しかし、この政争のために一番迷惑を受けるのは国民です!
何がレジ袋有料だ!
何が再生エネルギー賦課金だ!
何で古いガソリン車の自動車税が高くて、高級車の電気自動車は税金が安くて補助金まで出るんだ~
と叫びたくなるわけですね~(落ち着こう!深呼吸して~)
キャスト紹介
メインキャスト
アネミー・ヒルブランド首相/サラ・デ・ロー
ベルギー首相 再生エネルギー推進派
ヘルマン・パウエルズ/ルーカス・ヴァン・デン・アインデ
アネミーの夫で元政治家 エルカを庇い車椅子生活を余儀なくされました。
ミヒャエル(マイケル)・デドンカー/ゲールト・ファン・ランペルバーグ
連邦警察の捜査官でDA3(テロ対策班)のチーフ
エルカ・パウエルズ/アンナ・デ・セラ
ヒルブランド首相の娘
トム・デュトロイ/マチュー・シス
ヘルマンの介護者
警察関係者
ゲリット・リーマンズ/トム・ヴァン・バウウェル
連邦警察本部部長
ナタリー・メイス/ルース・ベカート
連邦警察の主任捜査官でミヒャエルの元恋人
ギイ/マイケル・バウウェンズ
定年間近の連邦警察の捜査官 DA3メンバー
リラ/ノラ・ガリブ
連邦警察の捜査官 DA3メンバーのミヒャエルの部下
リーン/ローレンス・ルートフーフト
連邦警察の捜査官DA3メンバーのミヒャエルの部下
ペドロ/カルロス・シュラム
連邦警察の捜査官 DA3メンバーのミヒャエルの部下
ディミ/ウォード・ケレマンズ
連邦警察の捜査官 DA3メンバーのミヒャエルの部下
政府関係者、国会議員
ジョナス・バーリーエン/ジェル・ド・ブール
総理府顧問
エルヴィン・ジェイコブス/マイケル・パス
野党議員 原子力発電推進派
クリストフ・ヴァンダースティーン/トム・ターネスト
内務大臣 ジェイコブスと同じ政党
ラフ・ドゥレウ/ロビー・クレイレン
アネミーの所属する与党の党首
ランダー・ヴァンスティーンランド/マティアス・セルク
社会党党首 再生エネルギー推進派
ケルツーム/イクラム・アウラッド
エネルギー副大臣
テロリスト
ラナ・ムーンズ/ヴァイオレット・ブラックマン
右派グリーンライトの活動家で反原発、多文化反対派
ジギー・ベルクモース
右派グリーンライトの活動家で反原発、多文化反対派
フランク・デヴァイスト/マシュー・シーパーズ
コブラ名のテロリストで元精鋭部隊所属の軍人
フランクが、なぜクルド人たちを命懸けで助けるのか…
理由が知りたい方はこちら↓の記事を是非読んでみて下さい!
ヨハン・リーバーズ/ルイス・タルプ
バイパー名のテロリストで元軍人
リコ・ファン・フリースウェイク/ルディ・シュリンダー
オランダ人テロリストでベルギーの原発テロの首謀者
あらすじ 第1話(43分)
ブリュッセル 国会議事堂
「……政治家は国民の代表であり未来を創る立場です。

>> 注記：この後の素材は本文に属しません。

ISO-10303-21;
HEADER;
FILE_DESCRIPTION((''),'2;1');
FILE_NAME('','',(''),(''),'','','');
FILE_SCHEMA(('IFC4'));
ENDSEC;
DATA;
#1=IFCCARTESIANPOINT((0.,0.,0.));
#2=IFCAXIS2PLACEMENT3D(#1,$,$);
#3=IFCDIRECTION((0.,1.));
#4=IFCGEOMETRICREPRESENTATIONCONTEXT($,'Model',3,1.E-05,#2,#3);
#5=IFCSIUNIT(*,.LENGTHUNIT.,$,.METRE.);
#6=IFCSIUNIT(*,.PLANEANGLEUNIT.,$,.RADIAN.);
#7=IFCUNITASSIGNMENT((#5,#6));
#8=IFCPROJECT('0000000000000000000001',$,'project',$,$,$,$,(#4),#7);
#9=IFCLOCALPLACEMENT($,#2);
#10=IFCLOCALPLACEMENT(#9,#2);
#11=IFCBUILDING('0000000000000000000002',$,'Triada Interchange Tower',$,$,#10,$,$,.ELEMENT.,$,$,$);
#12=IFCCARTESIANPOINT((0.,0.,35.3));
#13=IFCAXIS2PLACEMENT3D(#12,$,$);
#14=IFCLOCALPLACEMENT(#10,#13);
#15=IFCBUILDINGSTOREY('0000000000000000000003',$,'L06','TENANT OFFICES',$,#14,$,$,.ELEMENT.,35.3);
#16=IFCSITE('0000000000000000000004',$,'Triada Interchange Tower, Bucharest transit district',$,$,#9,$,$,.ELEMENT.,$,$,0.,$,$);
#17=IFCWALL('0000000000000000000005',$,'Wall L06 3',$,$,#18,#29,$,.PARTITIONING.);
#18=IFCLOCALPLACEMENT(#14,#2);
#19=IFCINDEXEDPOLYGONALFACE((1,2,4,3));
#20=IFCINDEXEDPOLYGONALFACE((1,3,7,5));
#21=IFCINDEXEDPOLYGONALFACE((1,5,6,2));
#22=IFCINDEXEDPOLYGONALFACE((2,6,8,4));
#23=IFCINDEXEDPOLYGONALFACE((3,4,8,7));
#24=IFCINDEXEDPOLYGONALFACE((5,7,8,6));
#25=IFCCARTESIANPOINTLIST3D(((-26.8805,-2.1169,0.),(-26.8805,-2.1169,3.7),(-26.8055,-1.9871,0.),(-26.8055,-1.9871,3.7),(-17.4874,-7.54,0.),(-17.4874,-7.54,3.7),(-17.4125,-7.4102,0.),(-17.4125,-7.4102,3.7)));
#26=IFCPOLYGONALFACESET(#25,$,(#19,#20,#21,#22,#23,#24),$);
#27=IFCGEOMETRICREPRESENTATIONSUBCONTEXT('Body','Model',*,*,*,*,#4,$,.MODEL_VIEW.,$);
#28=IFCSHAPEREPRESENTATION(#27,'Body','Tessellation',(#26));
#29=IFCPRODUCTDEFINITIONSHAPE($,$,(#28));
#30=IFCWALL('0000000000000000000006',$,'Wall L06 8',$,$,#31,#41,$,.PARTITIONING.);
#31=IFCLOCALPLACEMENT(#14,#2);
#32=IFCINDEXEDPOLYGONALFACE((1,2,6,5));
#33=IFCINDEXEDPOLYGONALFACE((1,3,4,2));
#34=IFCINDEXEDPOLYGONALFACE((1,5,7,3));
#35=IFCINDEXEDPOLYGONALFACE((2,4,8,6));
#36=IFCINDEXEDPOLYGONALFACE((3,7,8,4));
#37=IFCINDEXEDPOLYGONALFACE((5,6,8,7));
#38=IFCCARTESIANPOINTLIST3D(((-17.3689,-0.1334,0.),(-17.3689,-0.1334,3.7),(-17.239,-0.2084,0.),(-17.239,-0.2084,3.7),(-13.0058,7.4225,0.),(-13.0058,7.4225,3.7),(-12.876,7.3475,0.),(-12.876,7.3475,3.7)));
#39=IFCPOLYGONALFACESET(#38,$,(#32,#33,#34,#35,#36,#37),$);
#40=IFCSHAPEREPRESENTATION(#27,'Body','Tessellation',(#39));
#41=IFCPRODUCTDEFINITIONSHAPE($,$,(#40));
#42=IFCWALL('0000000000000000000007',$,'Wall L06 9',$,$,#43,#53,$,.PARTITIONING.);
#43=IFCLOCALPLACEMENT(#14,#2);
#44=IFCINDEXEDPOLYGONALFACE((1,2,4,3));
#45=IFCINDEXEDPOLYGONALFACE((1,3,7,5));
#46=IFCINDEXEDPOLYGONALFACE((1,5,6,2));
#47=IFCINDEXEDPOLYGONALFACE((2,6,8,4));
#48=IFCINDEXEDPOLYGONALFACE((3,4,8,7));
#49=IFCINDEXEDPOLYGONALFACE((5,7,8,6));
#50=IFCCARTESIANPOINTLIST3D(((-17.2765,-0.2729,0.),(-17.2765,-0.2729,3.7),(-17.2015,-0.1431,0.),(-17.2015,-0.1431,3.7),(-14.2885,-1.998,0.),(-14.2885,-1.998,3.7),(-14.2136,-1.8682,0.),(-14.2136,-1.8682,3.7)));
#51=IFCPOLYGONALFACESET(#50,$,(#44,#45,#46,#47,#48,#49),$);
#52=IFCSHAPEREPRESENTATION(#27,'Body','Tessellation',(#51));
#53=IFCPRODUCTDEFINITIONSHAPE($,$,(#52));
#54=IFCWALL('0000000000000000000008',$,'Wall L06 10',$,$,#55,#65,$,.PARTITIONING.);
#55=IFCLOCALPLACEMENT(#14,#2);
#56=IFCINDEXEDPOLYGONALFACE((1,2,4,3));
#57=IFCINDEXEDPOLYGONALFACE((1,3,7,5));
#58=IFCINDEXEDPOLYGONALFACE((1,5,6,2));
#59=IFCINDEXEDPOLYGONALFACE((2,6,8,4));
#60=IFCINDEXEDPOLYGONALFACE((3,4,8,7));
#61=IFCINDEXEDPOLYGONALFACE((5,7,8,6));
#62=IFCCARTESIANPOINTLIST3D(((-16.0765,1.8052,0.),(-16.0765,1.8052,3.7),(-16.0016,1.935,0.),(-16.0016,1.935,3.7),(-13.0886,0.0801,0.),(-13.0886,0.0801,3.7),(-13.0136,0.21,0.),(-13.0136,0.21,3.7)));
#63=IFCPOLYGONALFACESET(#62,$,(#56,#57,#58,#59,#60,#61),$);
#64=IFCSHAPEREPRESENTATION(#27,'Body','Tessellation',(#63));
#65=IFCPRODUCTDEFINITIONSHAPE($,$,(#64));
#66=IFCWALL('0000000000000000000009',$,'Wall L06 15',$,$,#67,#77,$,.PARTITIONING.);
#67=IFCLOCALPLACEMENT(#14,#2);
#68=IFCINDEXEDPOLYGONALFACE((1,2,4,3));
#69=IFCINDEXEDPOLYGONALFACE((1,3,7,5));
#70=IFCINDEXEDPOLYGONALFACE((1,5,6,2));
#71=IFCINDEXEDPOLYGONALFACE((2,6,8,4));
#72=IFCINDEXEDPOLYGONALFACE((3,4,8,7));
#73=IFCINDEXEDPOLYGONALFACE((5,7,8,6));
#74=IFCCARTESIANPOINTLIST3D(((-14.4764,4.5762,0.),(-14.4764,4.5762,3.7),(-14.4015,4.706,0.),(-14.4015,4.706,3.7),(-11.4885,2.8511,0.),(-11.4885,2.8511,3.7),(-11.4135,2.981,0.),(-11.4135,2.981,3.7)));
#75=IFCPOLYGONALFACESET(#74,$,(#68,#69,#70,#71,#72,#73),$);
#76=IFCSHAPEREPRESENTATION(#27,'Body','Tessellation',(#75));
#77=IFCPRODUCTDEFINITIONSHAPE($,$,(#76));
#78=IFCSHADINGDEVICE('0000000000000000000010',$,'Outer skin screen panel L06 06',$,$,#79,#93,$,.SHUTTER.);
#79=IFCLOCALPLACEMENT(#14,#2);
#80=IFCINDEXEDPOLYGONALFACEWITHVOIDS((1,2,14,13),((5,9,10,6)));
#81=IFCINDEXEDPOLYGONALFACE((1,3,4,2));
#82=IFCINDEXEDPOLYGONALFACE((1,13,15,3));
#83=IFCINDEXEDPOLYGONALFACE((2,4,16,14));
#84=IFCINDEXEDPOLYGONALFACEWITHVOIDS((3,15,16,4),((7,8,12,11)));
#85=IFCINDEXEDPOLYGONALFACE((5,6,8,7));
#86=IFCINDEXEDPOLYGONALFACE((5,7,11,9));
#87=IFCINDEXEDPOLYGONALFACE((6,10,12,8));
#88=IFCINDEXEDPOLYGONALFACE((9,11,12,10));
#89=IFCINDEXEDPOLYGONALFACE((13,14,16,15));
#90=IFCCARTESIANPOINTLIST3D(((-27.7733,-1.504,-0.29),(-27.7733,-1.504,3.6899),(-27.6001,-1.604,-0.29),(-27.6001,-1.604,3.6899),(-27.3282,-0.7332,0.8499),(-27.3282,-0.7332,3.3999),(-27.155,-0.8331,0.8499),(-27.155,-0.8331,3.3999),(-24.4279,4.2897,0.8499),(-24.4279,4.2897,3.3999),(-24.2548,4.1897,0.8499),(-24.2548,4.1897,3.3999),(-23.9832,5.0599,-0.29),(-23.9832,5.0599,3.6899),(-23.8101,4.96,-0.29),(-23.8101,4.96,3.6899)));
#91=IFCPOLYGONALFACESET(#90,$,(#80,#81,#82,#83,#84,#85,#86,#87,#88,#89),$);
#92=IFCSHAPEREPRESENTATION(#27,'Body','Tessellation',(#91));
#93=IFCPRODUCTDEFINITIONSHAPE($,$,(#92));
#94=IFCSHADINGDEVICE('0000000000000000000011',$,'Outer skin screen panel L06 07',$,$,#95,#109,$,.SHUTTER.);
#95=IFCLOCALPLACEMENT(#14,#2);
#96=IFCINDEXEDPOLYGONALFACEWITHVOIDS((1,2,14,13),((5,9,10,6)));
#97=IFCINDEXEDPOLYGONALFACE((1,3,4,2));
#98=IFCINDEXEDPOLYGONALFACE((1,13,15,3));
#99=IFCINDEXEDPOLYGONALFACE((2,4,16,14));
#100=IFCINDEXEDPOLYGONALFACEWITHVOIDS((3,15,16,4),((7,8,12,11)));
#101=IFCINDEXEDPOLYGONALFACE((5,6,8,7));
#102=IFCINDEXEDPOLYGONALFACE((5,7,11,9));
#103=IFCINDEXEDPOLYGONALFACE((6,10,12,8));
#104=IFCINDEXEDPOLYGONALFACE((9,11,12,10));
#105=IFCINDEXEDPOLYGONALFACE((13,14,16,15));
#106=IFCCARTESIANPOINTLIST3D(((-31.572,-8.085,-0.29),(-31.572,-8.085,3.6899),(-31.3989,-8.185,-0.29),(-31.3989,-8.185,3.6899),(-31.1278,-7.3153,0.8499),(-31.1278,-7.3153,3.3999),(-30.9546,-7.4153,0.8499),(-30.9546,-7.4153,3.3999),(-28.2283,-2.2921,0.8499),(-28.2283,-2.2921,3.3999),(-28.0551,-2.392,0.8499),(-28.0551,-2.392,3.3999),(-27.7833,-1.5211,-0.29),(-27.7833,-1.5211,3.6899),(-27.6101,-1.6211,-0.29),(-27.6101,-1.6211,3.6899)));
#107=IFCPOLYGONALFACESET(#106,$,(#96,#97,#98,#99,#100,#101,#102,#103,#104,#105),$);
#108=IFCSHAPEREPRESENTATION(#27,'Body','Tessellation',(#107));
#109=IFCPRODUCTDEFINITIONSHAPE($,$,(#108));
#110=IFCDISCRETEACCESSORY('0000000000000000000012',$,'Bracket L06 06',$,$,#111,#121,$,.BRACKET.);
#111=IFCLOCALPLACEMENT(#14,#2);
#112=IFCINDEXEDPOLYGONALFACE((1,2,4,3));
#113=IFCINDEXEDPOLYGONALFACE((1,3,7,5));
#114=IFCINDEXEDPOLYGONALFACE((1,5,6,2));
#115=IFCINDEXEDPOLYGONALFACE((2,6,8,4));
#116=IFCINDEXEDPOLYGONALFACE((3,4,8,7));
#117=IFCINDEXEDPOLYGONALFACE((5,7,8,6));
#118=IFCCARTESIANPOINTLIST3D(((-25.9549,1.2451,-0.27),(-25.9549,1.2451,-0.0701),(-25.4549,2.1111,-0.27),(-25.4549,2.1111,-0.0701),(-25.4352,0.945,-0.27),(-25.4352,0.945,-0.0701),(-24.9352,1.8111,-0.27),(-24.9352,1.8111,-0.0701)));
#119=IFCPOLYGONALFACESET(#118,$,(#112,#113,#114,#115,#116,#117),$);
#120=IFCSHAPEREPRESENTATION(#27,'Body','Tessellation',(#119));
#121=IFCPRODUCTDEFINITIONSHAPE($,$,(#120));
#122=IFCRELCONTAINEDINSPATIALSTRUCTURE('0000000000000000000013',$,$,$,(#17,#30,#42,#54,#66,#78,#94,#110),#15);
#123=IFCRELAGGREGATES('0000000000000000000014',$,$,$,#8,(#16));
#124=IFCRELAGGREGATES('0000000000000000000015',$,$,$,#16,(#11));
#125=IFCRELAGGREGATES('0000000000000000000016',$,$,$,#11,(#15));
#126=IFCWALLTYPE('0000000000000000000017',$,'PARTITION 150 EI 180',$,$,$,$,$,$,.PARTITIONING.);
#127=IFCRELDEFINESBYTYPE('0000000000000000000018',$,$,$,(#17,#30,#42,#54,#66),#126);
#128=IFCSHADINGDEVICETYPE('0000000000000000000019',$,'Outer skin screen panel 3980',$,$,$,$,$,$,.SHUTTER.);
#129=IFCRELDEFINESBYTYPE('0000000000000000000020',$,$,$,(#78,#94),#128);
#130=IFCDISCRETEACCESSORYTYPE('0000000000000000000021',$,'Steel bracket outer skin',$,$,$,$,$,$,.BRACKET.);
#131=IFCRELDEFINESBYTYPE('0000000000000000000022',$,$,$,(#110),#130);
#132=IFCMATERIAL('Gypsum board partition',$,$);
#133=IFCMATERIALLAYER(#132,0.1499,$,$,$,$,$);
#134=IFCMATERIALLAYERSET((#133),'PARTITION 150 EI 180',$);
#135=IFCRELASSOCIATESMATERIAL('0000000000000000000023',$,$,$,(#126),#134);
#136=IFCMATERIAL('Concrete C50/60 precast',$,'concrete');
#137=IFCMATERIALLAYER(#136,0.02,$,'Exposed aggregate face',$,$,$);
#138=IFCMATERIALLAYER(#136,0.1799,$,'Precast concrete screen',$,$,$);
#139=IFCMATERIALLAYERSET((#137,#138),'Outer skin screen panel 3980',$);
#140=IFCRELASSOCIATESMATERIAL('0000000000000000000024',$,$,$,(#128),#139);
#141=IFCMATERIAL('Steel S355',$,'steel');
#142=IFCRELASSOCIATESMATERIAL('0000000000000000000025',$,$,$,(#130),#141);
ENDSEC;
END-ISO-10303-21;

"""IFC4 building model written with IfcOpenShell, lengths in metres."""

from ifc_helpers import new_model, si_unit, direction, frame, frame_2d, origin, origin_2d, place, context, subcontext, project, spatial, polyline, rectangle, outline, extrude, material, layer, layer_set, type_object, element, save


model = new_model("IFC4")

# Units and contexts
model_context = context("Model", 3, precision=1e-05, world=origin(), true_north=direction((0.0, 1.0)))
body_context = subcontext(model_context, "Body", "Model", "MODEL_VIEW")
ifc_project = project(units=[si_unit("LENGTHUNIT", "METRE"), si_unit("PLANEANGLEUNIT", "RADIAN")], contexts=[model_context])

# Site, building, storey
site_placement = place(None, origin())
site = spatial("IfcSite", under=ifc_project, at=site_placement, Name="Triada Interchange Tower, Bucharest transit district", CompositionType="ELEMENT", RefElevation=0.0)
building_placement = place(site_placement, origin())
building = spatial("IfcBuilding", under=site, at=building_placement, Name="Triada Interchange Tower", CompositionType="ELEMENT")
storey_placement = place(building_placement, frame((0.0, 0.0, 35.3)))
storey = spatial("IfcBuildingStorey", under=building, at=storey_placement, Name="L06", Description="TENANT OFFICES", CompositionType="ELEMENT", Elevation=35.3)

# Walls
ifc_material_1 = material(Name="Gypsum board partition")
ifc_layer_1 = layer(ifc_material_1, 0.1499)
ifc_layer_set_1 = layer_set([ifc_layer_1], Name="PARTITION 150 EI 180")
wall_type_1 = type_object("IfcWallType", Name="PARTITION 150 EI 180", PredefinedType="PARTITIONING", material=ifc_layer_set_1)
wall_1_placement = place(storey_placement, frame((-26.843, -2.052, 0.0), z_axis=(0.0, 0.0, 1.0), x_axis=(0.866025, -0.5, 0.0)))
element("IfcWall", 1, at=wall_1_placement, inside=storey, type_object=wall_type_1, Name="Wall L06 3", PredefinedType="PARTITIONING", context=body_context, shape_type="SweptSolid", body=[
    extrude(rectangle(XDim=10.8462, YDim=0.1499, at=frame_2d((5.4231, 0.0))), origin(), (0.0, 0.0, 1.0), 3.7),
])
wall_2_placement = place(storey_placement, frame((-17.304, -0.1709, 0.0), z_axis=(0.0, 0.0, 1.0), x_axis=(0.500054, 0.865994, 0.0)))
element("IfcWall", 2, at=wall_2_placement, inside=storey, type_object=wall_type_1, Name="Wall L06 8", PredefinedType="PARTITIONING", context=body_context, shape_type="SweptSolid", body=[
    extrude(rectangle(XDim=8.7251, YDim=0.1499, at=frame_2d((4.3625, 0.0))), origin(), (0.0, 0.0, 1.0), 3.7),
])
for number, where, z_axis, x_axis, name in (
    (3, (-17.239, -0.208, 0.0), (0.0, 0.0, 1.0), (0.866031, -0.49999, 0.0), "Wall L06 9"),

こんな粗探しより大切なのは政策です。今は大切なことに集中しましょう。大切なことそれは…我が国の社会と未来のために一体となってすすむことです。ありがとう」
アネミー・ヒルブランド首相が議会でのスピーチを終え席に戻った時でした。
アネミーのスマホに突然非通知のメールが届きます。
そのメールには、彼女が息を呑むほどのショッキングな動画が映っていました。
“明かりを戻すな 娘が死ぬ”
そこに映っていたのは、メッセージを持たされ身体を拘束された1人娘のエルカだったのです。
そして、エルカは恐怖でとても怯えていました。
アネミーは、その状況が全く理解できず、その後の野党の反対質疑も全く耳に入りませんでした…
その夜
首相公邸に1台の車が入って来ます。
「ボス」
1人のSP(シークレットサービス)が、車から降りてきた男に声をかけました。
「もう君のボスじゃない」
「そうですね」
2人は、親しそうに握手します。
するともう1人のSPも彼に気づいて近づいて来ました。
「DA3(テロ対策班)の仕事はどうです?」
「順調だ」
公邸に呼ばれたミヒャエル・デンドンカーは、元首相付きの警護主任でした。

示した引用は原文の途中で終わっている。